W > F substitutants module

This module allows users to select the cancer type and database of interest and plot and download individual peptides for potential immunotherapeutic applications (Supplementary Fig. 1C). The utility of this module is demonstrated in a case study below.

Case study: identification of immunocompetent substitutants using ABPEPserver

Using the “W > F Substitutants” module for UCEC (Uterine Cancer) and the displayed scatter-plot, two example peptides ( fGHPAGK and SVLGCfK) were identified using fully substitutant database (database 1) and found to be expressed in a highly tumour-specific manner (73 tumours and 0 tumour-adjacent normal tissue, 45 tumours and 0 tumour-adjacent normal tissue respectively) (Fig. 3A).
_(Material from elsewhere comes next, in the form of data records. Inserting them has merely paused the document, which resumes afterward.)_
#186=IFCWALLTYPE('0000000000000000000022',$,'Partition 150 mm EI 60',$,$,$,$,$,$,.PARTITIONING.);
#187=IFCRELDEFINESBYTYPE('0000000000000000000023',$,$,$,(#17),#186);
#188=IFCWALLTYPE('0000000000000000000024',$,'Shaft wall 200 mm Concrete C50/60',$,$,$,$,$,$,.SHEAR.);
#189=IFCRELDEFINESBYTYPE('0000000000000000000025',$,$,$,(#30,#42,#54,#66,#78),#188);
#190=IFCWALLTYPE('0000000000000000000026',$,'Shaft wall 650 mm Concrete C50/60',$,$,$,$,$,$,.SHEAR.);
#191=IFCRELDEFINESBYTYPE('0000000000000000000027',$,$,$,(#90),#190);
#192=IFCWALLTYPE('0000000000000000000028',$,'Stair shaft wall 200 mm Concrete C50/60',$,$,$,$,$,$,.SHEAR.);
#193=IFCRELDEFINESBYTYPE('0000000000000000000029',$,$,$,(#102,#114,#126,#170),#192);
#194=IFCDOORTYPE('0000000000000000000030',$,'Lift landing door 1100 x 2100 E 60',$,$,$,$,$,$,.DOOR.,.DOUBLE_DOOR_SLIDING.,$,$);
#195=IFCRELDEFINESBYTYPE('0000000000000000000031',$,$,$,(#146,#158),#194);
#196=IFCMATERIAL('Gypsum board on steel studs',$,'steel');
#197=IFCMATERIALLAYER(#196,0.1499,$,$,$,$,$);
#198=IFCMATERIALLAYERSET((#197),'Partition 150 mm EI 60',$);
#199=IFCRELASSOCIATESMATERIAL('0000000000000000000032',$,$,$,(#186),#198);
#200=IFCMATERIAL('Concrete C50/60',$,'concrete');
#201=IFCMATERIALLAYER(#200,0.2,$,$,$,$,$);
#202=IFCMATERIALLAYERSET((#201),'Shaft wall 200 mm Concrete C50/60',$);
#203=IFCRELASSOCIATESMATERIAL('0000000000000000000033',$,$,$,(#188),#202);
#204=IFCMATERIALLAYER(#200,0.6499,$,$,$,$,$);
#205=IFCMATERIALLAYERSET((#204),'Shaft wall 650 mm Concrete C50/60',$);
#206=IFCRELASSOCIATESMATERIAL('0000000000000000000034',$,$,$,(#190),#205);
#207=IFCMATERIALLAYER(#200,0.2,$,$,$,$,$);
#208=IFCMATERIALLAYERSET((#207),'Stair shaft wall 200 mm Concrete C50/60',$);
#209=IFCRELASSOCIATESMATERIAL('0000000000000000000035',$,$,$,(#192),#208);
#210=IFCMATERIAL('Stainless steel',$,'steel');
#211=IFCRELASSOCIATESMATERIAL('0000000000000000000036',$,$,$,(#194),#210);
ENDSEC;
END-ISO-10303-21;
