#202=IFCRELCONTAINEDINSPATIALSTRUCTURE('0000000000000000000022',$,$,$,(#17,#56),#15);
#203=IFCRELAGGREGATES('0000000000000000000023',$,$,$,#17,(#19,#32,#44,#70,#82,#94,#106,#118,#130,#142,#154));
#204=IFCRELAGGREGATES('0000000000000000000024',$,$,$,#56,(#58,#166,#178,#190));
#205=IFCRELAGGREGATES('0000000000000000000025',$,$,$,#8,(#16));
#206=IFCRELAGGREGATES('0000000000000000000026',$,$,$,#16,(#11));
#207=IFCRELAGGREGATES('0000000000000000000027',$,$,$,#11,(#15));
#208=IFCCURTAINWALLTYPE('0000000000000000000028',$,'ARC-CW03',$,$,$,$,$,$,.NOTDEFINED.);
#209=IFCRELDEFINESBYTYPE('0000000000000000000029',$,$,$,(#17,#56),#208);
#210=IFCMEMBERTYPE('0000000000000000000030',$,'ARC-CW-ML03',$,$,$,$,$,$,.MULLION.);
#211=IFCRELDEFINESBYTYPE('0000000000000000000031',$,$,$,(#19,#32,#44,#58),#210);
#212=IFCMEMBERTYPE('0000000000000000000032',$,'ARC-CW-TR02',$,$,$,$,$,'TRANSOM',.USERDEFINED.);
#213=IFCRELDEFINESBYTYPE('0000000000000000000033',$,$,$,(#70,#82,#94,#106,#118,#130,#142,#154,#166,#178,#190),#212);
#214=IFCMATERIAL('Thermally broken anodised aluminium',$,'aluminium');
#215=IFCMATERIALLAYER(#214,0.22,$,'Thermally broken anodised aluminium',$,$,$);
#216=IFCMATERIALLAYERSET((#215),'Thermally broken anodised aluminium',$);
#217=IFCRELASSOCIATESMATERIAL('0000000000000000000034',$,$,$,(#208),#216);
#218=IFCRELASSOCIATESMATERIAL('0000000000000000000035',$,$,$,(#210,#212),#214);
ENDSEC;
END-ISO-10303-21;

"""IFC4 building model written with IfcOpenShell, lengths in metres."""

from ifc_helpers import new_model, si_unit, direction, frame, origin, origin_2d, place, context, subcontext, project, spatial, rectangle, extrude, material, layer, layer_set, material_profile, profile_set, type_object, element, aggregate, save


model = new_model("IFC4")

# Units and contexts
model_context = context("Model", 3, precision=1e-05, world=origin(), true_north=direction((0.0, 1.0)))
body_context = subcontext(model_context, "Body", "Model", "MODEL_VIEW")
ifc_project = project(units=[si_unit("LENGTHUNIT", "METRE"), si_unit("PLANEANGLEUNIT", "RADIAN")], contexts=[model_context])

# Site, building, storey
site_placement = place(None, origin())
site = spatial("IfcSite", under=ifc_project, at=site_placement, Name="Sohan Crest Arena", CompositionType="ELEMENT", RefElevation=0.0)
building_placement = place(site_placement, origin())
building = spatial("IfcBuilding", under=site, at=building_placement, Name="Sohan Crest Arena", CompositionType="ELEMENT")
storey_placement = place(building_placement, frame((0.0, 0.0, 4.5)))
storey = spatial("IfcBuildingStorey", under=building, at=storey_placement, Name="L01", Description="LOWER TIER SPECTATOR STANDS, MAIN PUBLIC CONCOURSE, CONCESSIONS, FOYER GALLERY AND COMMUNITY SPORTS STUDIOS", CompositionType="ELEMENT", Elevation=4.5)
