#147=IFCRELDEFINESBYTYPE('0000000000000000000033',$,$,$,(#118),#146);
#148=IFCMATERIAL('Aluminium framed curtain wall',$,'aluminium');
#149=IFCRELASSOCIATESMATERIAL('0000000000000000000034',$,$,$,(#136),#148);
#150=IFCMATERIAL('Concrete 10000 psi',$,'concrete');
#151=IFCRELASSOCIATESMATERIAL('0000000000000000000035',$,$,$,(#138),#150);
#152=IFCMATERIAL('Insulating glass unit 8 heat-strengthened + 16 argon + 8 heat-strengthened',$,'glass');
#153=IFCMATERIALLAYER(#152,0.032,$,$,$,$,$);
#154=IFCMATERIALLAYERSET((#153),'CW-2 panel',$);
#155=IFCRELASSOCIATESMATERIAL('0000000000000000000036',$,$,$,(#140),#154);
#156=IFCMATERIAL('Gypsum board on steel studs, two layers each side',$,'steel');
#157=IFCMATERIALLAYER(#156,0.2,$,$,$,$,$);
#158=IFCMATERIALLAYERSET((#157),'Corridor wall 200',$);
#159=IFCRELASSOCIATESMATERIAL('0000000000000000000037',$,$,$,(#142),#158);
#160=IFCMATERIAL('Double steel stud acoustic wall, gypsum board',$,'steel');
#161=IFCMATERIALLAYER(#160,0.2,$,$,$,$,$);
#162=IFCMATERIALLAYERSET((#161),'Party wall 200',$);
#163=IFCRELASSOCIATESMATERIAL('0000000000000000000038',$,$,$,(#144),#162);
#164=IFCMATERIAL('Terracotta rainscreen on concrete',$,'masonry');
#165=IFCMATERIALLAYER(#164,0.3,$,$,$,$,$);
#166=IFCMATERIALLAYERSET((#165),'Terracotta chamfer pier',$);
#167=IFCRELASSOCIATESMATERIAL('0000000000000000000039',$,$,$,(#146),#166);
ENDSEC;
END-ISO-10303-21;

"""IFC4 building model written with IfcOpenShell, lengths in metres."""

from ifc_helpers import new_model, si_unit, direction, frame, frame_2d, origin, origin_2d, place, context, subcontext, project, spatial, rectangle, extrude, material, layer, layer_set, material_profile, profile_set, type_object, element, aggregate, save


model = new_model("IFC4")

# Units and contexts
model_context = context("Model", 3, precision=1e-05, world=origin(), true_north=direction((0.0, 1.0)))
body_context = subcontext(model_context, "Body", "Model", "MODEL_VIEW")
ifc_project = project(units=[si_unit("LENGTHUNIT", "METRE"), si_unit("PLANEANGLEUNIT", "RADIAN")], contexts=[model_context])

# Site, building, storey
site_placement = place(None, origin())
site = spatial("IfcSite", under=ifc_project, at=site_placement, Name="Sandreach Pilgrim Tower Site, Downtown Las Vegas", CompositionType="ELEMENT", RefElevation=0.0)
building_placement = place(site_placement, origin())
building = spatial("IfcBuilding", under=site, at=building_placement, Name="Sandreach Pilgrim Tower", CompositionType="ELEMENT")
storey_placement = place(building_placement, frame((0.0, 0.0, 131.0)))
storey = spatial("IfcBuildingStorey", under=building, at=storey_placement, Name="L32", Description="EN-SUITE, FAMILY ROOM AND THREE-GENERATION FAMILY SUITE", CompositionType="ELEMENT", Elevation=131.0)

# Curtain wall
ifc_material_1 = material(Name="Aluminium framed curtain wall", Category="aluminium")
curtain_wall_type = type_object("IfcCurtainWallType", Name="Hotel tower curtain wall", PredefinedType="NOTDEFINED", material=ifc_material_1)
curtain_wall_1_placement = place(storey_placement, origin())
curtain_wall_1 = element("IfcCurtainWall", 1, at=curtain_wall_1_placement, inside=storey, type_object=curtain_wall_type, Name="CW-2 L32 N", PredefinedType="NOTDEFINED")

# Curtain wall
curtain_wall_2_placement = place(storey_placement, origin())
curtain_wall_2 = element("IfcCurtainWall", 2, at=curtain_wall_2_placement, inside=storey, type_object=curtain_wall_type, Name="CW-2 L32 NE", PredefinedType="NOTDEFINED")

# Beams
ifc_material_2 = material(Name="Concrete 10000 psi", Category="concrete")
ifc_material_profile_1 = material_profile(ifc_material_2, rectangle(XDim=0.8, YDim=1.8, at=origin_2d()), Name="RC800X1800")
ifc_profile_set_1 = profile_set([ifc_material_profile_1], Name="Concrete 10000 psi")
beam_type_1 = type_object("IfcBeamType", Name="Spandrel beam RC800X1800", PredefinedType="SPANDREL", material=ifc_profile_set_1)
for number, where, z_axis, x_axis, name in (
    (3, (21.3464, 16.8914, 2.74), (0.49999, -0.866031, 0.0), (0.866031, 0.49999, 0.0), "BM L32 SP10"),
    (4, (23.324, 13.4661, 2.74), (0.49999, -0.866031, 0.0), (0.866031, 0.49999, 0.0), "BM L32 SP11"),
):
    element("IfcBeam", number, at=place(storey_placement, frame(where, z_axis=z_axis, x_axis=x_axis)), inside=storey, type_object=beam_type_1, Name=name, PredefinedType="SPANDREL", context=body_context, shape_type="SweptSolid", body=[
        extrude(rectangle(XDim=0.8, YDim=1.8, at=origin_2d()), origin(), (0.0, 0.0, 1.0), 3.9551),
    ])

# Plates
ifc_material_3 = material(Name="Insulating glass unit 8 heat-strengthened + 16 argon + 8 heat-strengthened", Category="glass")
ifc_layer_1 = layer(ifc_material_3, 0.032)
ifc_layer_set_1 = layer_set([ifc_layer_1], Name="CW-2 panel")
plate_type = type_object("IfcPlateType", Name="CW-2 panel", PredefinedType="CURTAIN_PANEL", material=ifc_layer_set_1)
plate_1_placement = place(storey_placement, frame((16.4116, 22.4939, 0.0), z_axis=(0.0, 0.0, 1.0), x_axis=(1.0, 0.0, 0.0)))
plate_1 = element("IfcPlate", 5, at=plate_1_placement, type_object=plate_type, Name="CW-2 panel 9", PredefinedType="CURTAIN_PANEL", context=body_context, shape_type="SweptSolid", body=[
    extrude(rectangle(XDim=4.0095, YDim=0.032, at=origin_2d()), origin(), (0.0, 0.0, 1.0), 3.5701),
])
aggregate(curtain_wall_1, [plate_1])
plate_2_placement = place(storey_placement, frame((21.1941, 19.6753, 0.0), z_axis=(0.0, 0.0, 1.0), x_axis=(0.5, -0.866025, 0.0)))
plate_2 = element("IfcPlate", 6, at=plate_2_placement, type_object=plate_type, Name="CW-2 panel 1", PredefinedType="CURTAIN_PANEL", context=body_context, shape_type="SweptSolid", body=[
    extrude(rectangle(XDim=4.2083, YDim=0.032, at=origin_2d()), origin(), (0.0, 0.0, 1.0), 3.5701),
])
This tumour-specific expression implies that it is feasible to target these antigens specifically in cancerous tissues without harbouring any reactivity against normal cells if these peptides can present on the cell surface and bind to HLA molecules. Indeed, NETMHC [1] based prediction shows that many combinations of these two peptides have potentially strong binding affinity to one or multiple HLA super-alleles (Fig. 3B-C). This analysis indicates that the discovered peptides potentially harbour strong immunotherapeutic potential and warrant experimental validation. Thus, ABPEPserver can be used to identify potential cancer-specific antigens for immunotherapeutic applications.

Fig. 3
figure 3

Case-study: Utility of ABPEPserver. A A scatter plot from ABPEPserver (W > F Substitutants module) for UCEC (Uterine Cancer), depicting total occurrences in tumour tissue samples on X-axis and Total occurrences in adj. normal tissue samples on Y-axis. Identification of two peptides that are selected to be highly tumour-specifically expressed. The database used for this scatter plot is the fully substitutant database (database 1). B, C Tables displaying peptide combinations for the selected peptides in (A) that have HLA-binding ability to one or more HLA super alleles. Rank is displayed as inverse rank from NETMHC 23analysis where peptides rank < 1 are identified as strong binders and rank > 1 & rank < 2 are identified as weak binders

Future outlook

In future, we plan to expand ABPEPserver functionality towards harbouring other kinds of aberrant peptides that are discovered, such as ribosomal-frameshift-associated chimeric peptides. In response to tryptophan shortage, it has been observed that ribosomes change the frame at the tryptophan-associated “TGG” codon, leading to the synthesis of W-chimera. Since W-chimera were only observed in cell-culture systems, it is important to analyze whether W-chimeras is also expressed in the eight cancer types analyzed here. If the expression is observed, the next pursuit is the association of gene expression pathways.

Conclusions

We present ABPEPserver, a database of aberrant Substitutant peptides in human cancer. Substitutant peptides result from tryptophan to phenylalanine misincorporation events and are generated in human cancer due to T-cell infiltration and subsequent tryptophan depletion [13]. The “Analyze” module of ABPEPserver allows exploration of gene expression signature of substitutant peptide expression in multiple human cancer types, organized as peptides detected in tumours and tumour-adjacent normal tissue. The W > F “Substitutant” modules allow exploration of individual Substitutant peptides in multiple patient samples and have download features. The presented case study exemplifies that the substitutant peptides identified by ABPEPserver harbour immunotherapeutic potential. Hence, ABPEPserver is a valuable resource to the scientific community invested in anti-tumour immunotherapy development.